Un nuovo accordo regionale della medicina generale è stato sottoscritto dopo l’intesa raggiunta tra la direzione regionale salute-welfare e le organizzazioni sindacali Fimmg, Cisl medici Umbria e Snami. Lo rende noto la Regione.
Si tratta del nuovo accordo integrativo regionale che recepisce gli indirizzi del patto collettivo nazionale. «Con questo accordo la Regione Umbria – le parole della presidente Stefania Proietti – investe in una sanità territoriale più forte, moderna e vicina alle persone. Rafforziamo il ruolo della medicina generale, valorizziamo il lavoro dei professionisti e costruiamo una rete di assistenza capace di accompagnare i cittadini lungo tutto il percorso di cura. È un cambiamento importante che migliorerà la qualità dei servizi, favorirà la prevenzione, renderà più efficace la presa in carico dei pazienti cronici e fragili e contribuirà a ridurre la pressione sui Pronto soccorso e le liste d’attesa. Una riforma che guarda al futuro del nostro servizio sanitario regionale, con un’attenzione particolare ai territori più periferici e alle aree intern».
Da palazzo Donini specificano che i 36 articoli dell’accordo costituiscono «la nuova cornice di riferimento per l’organizzazione della medicina generale in Umbria e accompagna il passaggio al ruolo unico di assistenza primaria (Ruap), superando la tradizionale distinzione tra medici di famiglia e continuità assistenziale (ex guardia medica). Un modello che punta a garantire una maggiore integrazione tra i professionisti e una risposta più efficace ai bisogni di salute della popolazione».
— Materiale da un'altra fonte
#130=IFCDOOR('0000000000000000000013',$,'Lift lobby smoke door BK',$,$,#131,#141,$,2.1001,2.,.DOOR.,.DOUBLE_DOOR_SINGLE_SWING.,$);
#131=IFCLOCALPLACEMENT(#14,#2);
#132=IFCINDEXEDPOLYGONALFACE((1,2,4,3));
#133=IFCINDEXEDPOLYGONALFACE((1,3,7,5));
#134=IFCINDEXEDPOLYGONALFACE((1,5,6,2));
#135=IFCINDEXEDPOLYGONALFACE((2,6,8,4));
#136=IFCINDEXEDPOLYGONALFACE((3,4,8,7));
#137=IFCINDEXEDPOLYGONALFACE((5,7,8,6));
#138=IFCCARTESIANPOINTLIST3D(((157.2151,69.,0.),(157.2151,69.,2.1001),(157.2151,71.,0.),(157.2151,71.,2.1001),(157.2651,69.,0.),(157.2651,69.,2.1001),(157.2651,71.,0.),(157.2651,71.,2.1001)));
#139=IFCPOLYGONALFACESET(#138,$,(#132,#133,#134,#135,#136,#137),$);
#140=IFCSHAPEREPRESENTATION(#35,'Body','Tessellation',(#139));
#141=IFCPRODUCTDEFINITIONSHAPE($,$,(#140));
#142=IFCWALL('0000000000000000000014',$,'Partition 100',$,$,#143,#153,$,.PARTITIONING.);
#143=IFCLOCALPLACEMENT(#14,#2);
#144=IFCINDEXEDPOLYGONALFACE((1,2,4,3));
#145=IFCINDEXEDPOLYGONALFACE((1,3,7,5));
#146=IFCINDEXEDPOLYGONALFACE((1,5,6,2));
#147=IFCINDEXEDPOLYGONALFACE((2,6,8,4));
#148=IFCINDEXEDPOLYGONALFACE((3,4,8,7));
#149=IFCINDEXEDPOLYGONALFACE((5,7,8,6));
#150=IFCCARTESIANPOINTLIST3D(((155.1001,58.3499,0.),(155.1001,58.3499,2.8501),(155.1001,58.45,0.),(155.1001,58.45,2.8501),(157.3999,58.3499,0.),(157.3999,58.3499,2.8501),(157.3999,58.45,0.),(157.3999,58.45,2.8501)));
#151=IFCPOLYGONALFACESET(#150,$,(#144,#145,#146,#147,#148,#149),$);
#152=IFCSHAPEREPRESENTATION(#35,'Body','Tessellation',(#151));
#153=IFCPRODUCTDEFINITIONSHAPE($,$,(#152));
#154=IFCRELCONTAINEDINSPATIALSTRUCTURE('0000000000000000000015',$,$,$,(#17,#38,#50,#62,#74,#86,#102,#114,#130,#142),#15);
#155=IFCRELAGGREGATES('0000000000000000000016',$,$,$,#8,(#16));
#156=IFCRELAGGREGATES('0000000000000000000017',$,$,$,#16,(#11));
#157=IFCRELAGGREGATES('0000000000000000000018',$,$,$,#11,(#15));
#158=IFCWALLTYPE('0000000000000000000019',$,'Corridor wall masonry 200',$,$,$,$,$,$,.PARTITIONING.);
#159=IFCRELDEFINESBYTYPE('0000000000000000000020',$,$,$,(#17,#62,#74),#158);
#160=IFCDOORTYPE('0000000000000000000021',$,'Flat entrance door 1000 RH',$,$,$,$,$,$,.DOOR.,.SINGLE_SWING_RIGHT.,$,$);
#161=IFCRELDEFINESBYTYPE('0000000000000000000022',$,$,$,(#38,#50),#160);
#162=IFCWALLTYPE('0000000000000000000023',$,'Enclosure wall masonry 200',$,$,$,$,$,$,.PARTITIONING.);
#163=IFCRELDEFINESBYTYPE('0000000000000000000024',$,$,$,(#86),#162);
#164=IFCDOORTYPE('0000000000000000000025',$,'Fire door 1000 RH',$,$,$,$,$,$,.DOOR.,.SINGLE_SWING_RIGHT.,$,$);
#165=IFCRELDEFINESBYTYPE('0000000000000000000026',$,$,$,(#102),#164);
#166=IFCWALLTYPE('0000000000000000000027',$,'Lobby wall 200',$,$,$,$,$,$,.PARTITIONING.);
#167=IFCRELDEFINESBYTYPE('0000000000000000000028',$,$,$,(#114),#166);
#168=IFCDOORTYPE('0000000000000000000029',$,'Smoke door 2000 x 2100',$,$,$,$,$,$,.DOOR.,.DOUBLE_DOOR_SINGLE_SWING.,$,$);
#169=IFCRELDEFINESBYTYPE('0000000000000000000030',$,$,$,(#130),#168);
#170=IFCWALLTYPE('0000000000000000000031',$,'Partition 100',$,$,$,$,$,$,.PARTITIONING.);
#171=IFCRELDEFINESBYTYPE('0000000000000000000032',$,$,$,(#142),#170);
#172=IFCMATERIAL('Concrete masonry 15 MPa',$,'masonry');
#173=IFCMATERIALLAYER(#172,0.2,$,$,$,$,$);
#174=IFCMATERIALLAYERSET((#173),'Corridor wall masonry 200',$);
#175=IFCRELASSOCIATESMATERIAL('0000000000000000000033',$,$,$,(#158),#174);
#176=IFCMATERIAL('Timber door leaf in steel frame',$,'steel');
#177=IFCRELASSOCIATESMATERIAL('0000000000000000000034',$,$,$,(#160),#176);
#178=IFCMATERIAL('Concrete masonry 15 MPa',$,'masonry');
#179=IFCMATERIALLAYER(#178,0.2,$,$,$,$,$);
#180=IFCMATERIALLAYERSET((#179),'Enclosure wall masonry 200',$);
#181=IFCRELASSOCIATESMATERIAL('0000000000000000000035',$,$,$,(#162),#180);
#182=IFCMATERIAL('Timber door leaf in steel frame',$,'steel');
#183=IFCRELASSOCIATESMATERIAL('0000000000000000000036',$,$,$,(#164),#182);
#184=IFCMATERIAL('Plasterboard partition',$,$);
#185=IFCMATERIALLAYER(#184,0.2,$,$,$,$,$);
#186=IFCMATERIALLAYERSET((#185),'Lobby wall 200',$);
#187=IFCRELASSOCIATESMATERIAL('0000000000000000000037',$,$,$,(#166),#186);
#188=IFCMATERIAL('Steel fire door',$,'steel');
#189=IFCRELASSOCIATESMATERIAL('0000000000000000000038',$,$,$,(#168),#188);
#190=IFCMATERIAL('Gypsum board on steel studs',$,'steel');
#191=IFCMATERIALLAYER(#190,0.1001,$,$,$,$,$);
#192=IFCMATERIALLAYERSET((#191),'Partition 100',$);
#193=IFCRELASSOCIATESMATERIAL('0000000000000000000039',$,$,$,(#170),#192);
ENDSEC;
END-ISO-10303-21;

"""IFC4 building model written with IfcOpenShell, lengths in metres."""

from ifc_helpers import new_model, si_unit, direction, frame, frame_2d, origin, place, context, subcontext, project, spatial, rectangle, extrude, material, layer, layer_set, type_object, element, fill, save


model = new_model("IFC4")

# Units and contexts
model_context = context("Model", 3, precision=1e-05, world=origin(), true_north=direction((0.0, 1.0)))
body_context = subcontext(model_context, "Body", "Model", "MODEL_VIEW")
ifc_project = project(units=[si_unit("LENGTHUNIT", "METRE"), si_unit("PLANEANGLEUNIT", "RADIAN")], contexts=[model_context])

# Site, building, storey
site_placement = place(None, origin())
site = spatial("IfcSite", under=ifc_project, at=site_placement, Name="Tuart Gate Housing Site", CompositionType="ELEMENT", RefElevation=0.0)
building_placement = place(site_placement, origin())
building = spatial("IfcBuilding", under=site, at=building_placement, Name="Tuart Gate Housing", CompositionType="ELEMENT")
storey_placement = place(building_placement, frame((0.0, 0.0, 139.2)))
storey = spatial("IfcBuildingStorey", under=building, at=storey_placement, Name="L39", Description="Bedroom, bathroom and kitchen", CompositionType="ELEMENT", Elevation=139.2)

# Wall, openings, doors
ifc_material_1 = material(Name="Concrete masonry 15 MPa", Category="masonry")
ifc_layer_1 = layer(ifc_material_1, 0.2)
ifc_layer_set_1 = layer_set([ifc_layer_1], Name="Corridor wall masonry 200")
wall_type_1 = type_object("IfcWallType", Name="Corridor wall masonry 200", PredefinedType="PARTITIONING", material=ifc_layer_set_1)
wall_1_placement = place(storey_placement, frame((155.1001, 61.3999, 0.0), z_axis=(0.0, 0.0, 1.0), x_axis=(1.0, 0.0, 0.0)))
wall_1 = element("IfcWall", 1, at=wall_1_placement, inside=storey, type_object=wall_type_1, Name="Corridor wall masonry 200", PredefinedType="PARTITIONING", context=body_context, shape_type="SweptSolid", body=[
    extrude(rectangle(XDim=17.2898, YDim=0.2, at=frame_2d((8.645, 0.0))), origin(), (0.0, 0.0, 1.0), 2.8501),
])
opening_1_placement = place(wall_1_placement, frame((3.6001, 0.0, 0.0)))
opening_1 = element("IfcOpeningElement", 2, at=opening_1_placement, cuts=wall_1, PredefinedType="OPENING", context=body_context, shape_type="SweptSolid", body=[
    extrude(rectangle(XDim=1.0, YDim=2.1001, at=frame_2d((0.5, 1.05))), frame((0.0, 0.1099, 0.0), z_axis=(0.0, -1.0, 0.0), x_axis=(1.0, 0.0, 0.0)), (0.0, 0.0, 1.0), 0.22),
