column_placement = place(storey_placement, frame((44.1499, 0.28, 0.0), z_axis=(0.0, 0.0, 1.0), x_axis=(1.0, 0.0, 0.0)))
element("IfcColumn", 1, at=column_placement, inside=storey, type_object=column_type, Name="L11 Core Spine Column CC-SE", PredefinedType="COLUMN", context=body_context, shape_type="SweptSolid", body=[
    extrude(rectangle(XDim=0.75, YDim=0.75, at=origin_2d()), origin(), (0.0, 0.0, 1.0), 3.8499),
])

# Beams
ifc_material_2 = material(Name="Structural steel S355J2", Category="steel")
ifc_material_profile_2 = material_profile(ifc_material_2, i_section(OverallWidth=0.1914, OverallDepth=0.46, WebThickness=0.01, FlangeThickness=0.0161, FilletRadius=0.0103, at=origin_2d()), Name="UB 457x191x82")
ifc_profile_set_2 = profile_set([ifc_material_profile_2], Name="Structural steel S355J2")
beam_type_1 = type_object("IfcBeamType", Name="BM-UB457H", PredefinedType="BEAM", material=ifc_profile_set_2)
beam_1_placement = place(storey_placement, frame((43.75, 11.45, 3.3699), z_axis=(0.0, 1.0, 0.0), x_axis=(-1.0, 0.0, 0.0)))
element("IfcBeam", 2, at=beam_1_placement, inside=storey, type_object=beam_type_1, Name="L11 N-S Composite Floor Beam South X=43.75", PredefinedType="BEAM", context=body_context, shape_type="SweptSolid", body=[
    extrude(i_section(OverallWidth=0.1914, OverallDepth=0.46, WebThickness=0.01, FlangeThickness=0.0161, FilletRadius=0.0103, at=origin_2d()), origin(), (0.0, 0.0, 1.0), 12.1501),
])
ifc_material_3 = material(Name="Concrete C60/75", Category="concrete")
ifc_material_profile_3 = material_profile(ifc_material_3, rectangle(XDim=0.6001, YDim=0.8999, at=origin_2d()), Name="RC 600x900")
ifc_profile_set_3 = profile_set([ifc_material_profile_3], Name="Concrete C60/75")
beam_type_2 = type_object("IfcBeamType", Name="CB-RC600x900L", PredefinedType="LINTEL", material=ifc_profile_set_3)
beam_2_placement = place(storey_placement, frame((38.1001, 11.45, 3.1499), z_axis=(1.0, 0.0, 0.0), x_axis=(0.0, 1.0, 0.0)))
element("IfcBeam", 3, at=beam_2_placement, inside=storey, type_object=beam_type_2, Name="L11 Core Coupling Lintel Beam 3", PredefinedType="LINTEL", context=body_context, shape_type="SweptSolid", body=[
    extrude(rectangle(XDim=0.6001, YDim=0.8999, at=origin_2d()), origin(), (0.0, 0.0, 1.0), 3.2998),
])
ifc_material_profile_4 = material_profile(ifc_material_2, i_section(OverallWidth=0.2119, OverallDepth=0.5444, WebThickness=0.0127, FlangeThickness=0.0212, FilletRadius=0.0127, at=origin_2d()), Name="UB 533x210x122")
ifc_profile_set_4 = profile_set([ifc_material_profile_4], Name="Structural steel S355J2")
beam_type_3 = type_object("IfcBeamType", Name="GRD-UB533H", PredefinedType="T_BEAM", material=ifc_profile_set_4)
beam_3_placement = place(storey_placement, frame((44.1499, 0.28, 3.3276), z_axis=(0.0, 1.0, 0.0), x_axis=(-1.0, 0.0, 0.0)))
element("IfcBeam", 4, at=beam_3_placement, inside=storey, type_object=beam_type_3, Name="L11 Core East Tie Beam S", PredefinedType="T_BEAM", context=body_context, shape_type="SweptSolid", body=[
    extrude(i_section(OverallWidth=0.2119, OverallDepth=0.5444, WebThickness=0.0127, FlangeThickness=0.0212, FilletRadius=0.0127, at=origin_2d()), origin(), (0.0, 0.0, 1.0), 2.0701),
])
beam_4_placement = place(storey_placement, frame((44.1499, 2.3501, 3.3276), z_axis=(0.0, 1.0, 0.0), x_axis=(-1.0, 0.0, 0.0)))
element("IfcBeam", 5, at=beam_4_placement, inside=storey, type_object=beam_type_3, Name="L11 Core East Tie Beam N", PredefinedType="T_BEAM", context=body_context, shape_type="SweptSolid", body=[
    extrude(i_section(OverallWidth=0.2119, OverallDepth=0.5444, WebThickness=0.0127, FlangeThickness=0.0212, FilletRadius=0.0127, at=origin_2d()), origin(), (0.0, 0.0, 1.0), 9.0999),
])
Tra le principali novità figura l’istituzione delle équipe di aggregazione funzionale territoriale (Aft), nelle quali opereranno con pari dignità i medici di famiglia e i medici della continuità assistenziale. «Sono inoltre previsti maggiori risorse per il personale di studio, l’innovazione digitale e il coordinamento delle Aft. Il nuovo modello garantirà – scrive la Regione – la continuità dell’assistenza nelle Case della Comunità e nelle Aft per assicurare la presenza in rete sul territorio anche attraverso il supporto del numero unico 116117, punto di accesso per i bisogni di salute urgenti ma non gravi».
L’intesa inoltre rafforza «la presenza dei medici negli ospedali di comunità, promuove l’utilizzo della telemedicina e della diagnostica di primo livello e consolida la digitalizzazione attraverso il Fascicolo sanitario elettronico, favorendo la condivisione delle informazioni cliniche e la continuità delle cure. Particolare attenzione è riservata alle aree interne, dove sono previste specifiche soluzioni organizzative per garantire un’assistenza capillare, anche attraverso la telemedicina e gli ambulatori di prossimità. Tra gli obiettivi prioritari dell’accordo c’è il rafforzamento della cosiddetta medicina di iniziativa – un modello di assistenza che punta a seguire i pazienti in modo proattivo, soprattutto quelli cronici e fragili, prima che le loro condizioni peggiorino – la riduzione degli accessi impropri ai Pronto soccorso e il miglioramento dell’appropriatezza dei percorsi di cura, per contribuire anche all’abbattimento delle liste d’attesa». Entro un mese ci sarà la costituzione di un tavolo tecnico composto dalla Regione, dalle aziende sanitarie e dalle organizzazioni sindacali firmatarie per monitorare l’attuazione dell’accordo e il raggiungimento degli obiettivi previsti.